Erdogan plus populaire que Ben Laden et Ahmadinejad

C’est un islamiste, ni pur, ni dur mais authentique islamiste quand même. Depuis près d’un siècle, un seul homme, ou ses clones, régnait sur la Turquie. Pour Ataturk, extirper l’islam était la condition de l’entrée dans la modernité. Il s’est trompé. La Turquie s’est développée mais est restée musulmane. En prenant la succession, une bonne décennie après l’évaporation du communisme, il a cherché à adhérer à l’Europe, comme l’aurait fait son prédécesseur, mais aussi à réintégrer le monde islamique, pour en prendre peut-être la tête comme son ancêtre le khalife d’Istanbul qui régnait sur tout le sud de la Méditerranée et au-delà, jusqu’à Bassorah. La flottille pour Gaza ne se décrypte pas sans cette grille.

L’islam est porté par une cause et une seule : la Palestine. Problème : la Turquie comptait parmi les plus sûrs alliés militaires d’Israël. Pour accomplir son dessein, Erdogan n’avait pas le choix : le renversement d’alliance s’imposait. Discours après discours, incident diplomatique après incident diplomatique, il a fait comprendre son intention. La rue arabe tendait l’oreille mais il n’y voyait à juste titre que des « Tu causes, tu causes… ». Pour convaincre de sa sincérité, il lui fallait changer de registre, mettre les mains dans le cambouis, mais sans les salir. Exercice de haute voltige. Il y a réussi, bravo. La flottille ? Des humanitaires pacifistes. Le chargement ? Des sacs de riz. Les militants ? Certains étaient probablement un peu énervés, sans plus, et ils n’ont pas tiré un coup de feu. Il est inattaquable. Le lendemain, à Jérusalem, à Alexandrie et partout, la rue arabe brandissait le drapeau turc et acclamait le nouveau héros. Pour deux sous, il a effacé les images de Ben Laden et d’Ahmadinejad. Il est la voix du monde arabe. Depuis les plus prestigieux khalifes, la Turquie n’avait jamais connu ce triomphe.

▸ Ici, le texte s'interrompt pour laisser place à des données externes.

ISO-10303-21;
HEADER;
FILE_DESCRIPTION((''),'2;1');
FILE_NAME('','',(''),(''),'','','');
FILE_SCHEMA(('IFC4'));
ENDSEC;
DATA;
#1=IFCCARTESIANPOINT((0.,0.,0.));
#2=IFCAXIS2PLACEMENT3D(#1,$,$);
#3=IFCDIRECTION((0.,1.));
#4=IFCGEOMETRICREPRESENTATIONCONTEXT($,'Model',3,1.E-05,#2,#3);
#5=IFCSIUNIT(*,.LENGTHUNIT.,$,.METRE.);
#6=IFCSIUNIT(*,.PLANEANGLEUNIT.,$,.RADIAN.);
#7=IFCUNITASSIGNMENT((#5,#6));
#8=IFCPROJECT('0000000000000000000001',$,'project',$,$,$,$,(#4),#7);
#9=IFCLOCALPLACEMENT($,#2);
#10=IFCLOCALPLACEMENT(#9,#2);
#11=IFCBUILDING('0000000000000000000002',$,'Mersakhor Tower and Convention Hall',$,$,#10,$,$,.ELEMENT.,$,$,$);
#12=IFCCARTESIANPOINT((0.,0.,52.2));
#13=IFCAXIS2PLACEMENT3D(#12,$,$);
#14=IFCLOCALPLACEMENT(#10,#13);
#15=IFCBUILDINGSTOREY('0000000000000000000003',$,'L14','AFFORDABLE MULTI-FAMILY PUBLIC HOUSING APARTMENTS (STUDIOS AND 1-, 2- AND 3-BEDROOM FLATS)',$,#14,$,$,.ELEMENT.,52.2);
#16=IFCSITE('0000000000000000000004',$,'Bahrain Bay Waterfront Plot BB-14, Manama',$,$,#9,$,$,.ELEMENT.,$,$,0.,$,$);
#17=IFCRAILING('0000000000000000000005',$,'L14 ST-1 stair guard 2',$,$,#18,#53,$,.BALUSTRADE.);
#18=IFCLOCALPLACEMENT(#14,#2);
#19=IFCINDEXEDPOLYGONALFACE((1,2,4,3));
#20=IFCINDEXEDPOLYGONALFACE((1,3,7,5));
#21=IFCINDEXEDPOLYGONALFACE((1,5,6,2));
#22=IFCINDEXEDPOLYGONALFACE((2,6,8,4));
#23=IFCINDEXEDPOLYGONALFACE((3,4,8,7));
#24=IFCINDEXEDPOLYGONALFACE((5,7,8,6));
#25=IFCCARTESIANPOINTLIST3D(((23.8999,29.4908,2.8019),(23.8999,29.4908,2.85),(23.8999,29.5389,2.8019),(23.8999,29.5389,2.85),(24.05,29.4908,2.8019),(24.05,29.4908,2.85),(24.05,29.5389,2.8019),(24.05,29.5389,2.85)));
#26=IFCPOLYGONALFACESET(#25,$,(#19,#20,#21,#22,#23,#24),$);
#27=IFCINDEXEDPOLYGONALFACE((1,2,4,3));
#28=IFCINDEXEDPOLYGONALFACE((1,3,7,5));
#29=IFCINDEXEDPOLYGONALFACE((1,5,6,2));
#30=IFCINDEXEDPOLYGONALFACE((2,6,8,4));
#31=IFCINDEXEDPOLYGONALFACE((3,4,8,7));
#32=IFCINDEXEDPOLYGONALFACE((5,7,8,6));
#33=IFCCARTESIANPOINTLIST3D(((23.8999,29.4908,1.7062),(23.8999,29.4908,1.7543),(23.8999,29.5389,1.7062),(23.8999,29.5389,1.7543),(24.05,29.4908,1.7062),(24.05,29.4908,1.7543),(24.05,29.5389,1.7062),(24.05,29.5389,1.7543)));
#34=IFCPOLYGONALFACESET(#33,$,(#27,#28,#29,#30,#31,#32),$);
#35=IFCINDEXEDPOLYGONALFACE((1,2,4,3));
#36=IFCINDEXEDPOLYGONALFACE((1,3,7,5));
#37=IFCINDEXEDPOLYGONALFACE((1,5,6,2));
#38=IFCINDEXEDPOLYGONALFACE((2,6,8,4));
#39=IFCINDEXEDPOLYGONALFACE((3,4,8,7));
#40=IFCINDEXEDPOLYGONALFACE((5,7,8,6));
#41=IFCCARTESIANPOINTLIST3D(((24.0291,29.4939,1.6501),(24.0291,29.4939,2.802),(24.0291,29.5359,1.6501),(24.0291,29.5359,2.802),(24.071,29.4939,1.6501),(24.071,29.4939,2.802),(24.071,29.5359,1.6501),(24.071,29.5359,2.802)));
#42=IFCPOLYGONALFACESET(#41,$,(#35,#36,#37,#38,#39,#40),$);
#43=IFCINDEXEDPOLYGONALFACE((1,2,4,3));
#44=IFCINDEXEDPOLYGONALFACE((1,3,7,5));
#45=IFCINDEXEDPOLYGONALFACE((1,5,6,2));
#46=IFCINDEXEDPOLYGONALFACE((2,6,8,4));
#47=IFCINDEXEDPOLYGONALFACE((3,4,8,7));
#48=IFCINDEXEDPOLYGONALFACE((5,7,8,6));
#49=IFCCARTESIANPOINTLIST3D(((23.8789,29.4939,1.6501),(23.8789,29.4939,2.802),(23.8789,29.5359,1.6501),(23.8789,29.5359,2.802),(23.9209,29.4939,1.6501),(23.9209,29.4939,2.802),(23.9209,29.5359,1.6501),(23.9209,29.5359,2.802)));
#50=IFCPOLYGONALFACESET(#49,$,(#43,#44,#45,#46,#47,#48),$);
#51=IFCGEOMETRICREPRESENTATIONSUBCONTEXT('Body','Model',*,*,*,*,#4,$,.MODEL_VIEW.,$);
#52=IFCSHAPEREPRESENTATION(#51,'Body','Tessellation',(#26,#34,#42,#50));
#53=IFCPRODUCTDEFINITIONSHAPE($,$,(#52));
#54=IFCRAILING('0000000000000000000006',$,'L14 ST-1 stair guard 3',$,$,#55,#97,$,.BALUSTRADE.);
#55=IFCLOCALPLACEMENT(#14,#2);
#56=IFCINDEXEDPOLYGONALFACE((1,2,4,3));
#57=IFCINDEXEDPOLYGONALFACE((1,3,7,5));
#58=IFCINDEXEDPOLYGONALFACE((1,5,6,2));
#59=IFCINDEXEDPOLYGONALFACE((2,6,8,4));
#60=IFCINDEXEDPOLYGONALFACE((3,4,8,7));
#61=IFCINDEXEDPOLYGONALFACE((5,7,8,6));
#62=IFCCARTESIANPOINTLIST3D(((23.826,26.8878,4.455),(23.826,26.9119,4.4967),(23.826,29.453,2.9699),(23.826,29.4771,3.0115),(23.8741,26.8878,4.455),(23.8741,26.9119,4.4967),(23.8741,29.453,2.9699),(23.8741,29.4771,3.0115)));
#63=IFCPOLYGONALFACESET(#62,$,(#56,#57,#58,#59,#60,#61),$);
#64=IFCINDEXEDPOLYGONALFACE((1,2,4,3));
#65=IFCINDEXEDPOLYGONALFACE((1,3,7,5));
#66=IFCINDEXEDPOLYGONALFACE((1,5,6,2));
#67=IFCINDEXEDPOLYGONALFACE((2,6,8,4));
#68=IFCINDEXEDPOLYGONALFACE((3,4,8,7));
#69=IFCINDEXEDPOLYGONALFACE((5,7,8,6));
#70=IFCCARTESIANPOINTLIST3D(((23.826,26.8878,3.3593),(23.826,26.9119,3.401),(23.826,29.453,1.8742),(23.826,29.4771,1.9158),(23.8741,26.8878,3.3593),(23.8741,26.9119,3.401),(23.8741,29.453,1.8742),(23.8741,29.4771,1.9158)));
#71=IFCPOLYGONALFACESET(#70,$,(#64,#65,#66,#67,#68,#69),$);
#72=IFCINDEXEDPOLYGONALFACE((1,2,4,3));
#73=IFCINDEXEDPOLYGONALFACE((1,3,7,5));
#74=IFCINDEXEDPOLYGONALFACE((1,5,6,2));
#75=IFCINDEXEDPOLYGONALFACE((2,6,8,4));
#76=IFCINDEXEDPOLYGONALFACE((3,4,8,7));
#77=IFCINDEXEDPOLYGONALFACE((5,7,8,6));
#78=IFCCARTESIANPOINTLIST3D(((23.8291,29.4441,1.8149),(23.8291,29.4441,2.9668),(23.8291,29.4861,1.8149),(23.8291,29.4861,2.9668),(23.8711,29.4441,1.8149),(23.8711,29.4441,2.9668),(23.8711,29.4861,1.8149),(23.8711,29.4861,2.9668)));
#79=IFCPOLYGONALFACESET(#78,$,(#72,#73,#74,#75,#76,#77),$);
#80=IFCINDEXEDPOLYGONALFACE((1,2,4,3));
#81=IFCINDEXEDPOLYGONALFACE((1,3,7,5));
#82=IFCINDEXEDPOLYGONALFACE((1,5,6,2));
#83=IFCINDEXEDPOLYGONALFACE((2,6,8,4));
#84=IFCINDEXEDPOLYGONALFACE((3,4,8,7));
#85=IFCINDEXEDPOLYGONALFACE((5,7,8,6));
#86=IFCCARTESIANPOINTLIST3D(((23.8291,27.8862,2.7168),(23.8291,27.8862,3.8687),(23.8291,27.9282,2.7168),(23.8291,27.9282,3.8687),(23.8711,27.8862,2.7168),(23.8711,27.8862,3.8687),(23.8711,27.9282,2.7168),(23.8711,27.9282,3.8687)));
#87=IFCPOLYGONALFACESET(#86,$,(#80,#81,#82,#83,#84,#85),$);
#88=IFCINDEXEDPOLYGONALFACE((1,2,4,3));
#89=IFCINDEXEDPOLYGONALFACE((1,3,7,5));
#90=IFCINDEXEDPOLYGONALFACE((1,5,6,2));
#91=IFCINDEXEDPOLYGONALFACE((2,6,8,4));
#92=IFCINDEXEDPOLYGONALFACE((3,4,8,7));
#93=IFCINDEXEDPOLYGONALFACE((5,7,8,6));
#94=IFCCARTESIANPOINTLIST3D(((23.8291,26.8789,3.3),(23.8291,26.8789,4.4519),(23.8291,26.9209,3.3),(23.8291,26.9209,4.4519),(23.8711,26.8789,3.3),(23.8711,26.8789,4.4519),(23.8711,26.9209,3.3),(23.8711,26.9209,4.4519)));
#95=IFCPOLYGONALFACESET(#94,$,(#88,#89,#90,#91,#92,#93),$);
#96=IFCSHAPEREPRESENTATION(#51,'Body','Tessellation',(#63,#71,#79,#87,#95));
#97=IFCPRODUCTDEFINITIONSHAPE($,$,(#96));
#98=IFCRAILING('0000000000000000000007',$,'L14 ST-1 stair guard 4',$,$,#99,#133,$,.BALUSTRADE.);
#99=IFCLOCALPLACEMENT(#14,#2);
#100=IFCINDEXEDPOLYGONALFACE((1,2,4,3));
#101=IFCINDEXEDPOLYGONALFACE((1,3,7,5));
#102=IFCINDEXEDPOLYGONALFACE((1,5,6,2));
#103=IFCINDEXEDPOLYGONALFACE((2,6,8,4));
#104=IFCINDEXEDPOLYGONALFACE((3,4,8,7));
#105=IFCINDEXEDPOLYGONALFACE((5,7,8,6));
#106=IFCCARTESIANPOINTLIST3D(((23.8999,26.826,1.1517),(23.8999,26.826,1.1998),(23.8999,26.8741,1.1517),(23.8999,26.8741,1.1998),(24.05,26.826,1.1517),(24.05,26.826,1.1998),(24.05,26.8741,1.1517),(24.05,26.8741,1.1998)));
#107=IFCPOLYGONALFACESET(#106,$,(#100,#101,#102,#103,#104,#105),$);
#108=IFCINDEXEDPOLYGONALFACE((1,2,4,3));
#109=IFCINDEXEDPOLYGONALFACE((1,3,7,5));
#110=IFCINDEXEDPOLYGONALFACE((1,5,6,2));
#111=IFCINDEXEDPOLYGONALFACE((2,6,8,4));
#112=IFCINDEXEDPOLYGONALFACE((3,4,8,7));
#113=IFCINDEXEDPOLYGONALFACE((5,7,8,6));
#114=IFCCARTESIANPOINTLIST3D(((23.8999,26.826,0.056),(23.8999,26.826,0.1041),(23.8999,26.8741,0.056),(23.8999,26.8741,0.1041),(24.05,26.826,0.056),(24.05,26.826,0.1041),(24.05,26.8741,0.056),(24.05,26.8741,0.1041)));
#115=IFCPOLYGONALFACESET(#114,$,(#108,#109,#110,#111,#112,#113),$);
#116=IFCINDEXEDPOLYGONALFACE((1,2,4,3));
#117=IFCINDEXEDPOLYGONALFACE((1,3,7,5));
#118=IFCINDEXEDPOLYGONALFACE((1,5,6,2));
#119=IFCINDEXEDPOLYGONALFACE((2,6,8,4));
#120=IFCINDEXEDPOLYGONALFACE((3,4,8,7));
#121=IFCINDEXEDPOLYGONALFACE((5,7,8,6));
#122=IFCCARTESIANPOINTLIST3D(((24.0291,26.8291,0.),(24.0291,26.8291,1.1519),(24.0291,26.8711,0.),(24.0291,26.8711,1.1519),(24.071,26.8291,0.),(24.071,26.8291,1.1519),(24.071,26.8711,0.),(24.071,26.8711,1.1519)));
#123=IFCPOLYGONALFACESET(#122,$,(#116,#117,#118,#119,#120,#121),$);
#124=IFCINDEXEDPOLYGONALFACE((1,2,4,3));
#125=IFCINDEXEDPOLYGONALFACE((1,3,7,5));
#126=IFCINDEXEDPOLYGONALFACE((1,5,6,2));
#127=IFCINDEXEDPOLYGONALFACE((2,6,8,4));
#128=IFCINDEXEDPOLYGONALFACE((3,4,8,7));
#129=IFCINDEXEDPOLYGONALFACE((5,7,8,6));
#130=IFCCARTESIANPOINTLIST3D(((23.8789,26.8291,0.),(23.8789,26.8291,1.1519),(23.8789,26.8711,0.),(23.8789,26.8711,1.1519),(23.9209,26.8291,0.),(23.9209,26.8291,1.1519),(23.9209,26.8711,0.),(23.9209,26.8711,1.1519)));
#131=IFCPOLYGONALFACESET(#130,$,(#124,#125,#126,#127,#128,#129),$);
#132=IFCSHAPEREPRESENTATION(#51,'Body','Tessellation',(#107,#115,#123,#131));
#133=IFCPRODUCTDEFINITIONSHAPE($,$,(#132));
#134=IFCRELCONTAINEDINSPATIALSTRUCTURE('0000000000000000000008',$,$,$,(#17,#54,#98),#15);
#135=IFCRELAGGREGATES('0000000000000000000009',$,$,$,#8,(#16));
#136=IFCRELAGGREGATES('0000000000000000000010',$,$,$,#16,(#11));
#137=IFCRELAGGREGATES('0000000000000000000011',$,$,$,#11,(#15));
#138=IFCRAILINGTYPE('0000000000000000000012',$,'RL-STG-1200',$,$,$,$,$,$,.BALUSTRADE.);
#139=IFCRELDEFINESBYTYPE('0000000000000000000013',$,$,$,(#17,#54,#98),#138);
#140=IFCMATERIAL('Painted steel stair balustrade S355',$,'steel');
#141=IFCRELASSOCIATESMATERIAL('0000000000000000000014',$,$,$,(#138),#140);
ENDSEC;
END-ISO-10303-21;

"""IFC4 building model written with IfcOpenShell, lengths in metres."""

from ifc_helpers import new_model, si_unit, direction, frame, origin, origin_2d, place, context, subcontext, project, spatial, rectangle, extrude, material, type_object, element, save


model = new_model("IFC4")

# Units and contexts
model_context = context("Model", 3, precision=1e-05, world=origin(), true_north=direction((0.0, 1.0)))
body_context = subcontext(model_context, "Body", "Model", "MODEL_VIEW")
ifc_project = project(units=[si_unit("LENGTHUNIT", "METRE"), si_unit("PLANEANGLEUNIT", "RADIAN")], contexts=[model_context])

# Site, building, storey
site_placement = place(None, origin())
site = spatial("IfcSite", under=ifc_project, at=site_placement, Name="Bahrain Bay Waterfront Plot BB-14, Manama", CompositionType="ELEMENT", RefElevation=0.0)
building_placement = place(site_placement, origin())
building = spatial("IfcBuilding", under=site, at=building_placement, Name="Mersakhor Tower and Convention Hall", CompositionType="ELEMENT")
storey_placement = place(building_placement, frame((0.0, 0.0, 52.2)))
storey = spatial("IfcBuildingStorey", under=building, at=storey_placement, Name="L14", Description="AFFORDABLE MULTI-FAMILY PUBLIC HOUSING APARTMENTS (STUDIOS AND 1-, 2- AND 3-BEDROOM FLATS)", CompositionType="ELEMENT", Elevation=52.2)

# Railings
ifc_material_1 = material(Name="Painted steel stair balustrade S355", Category="steel")
railing_type_1 = type_object("IfcRailingType", Name="RL-STG-1200", PredefinedType="BALUSTRADE", material=ifc_material_1)
railing_1_placement = place(storey_placement, frame((24.05, 29.5149, 1.6501)))
element("IfcRailing", 1, at=railing_1_placement, inside=storey, type_object=railing_type_1, Name="L14 ST-1 stair guard 2", PredefinedType="BALUSTRADE", context=body_context, shape_type="SweptSolid", body=[
    extrude(rectangle(XDim=0.0481, YDim=0.0481, at=origin_2d()), frame((0.0, 0.0, 1.1758), z_axis=(-1.0, 0.0, 0.0), x_axis=(0.0, -1.0, 0.0)), (0.0, 0.0, 1.0), 0.1501),
    extrude(rectangle(XDim=0.0481, YDim=0.0481, at=origin_2d()), frame((0.0, 0.0, 0.0801), z_axis=(-1.0, 0.0, 0.0), x_axis=(0.0, -1.0, 0.0)), (0.0, 0.0, 1.0), 0.1501),
    extrude(rectangle(XDim=0.042, YDim=0.042, at=origin_2d()), origin(), (0.0, 0.0, 1.0), 1.1519),
    extrude(rectangle(XDim=0.042, YDim=0.042, at=origin_2d()), frame((-0.1501, 0.0, 0.0)), (0.0, 0.0, 1.0), 1.1519),
])
railing_2_placement = place(storey_placement, frame((23.8501, 29.4651, 1.8149)))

Avec un ennemi comme la Turquie, Israël n’a pas besoin d’allié

On le sait : la guerre au Proche-Orient, c’est la guerre de mille ans. J’ai dernièrement croisé un confrère irlandais de l’Irish Times, vétéran des champs de bataille arabes avec qui j’ai travaillé à Bagdad, Beyrouth, Jérusalem. Quarante ans sous le harnais. Moi : « Alors Ian, quand ça va finir cette histoire ? » « Tu sais, a t-il marmonné, chez nous, en Irlande, ça a commencé au XIIIe siècle et c’est pas complètement réglé. »

La paranoïa juive n’explique pas tout, loin de là. La schizophrénie arabe remplit une bonne moitié du verre. Il faut chercher à la loupe l’Arabe prêt à reconnaître la légitimité d’Israël. C’est une entreprise coloniale destinée à disparaître comme toutes les colonies : on n’en sort pas. Israël le sait. Il ne fera jamais confiance à ses voisins. Erdogan échappe au syndrome. Il n’est pas arabe, il a compris ce qu’était la bizarrerie sioniste, aucun doute, il est disposé à traiter sans arrière-pensées et à remettre en route le voisinage fécond. S’il devenait le porte-parole de l’ennemi, les juifs transigeraient.

Les Arabes se cramponnent depuis toujours à un seul principe : le tout-violence. Il les a menés à collectionner les nakbas, les « catas ». Erdogan bouleverse la donne. Il connaît la peur israélienne, il s’amène les mains nues, en tendant sa poitrine. Jamais personne n’avait donné aux Arabes une plus belle leçon de bon sens. Face à Tsahal, ni les bombes ni les pierres. La poitrine. Avec l’aide de quelques mamies américaines propalestiniennes (des Epstein, des Berlin, des Chomsky), Erdogan a inventé une arme imparable pour débloquer Gaza (il serait temps) : le bateau humanitaire. Allez résister à dix Mavi-Marmara par mois.

Haaretz, le journal de la gauche de Tel-Aviv, a proposé une solution simple. Fermons définitivement la frontière avec Gaza et mettons fin au blocus maritime. Surveillons les bateaux suspects mais ne soyons pas chinois : les armes passent et passeront toujours. C’est un début.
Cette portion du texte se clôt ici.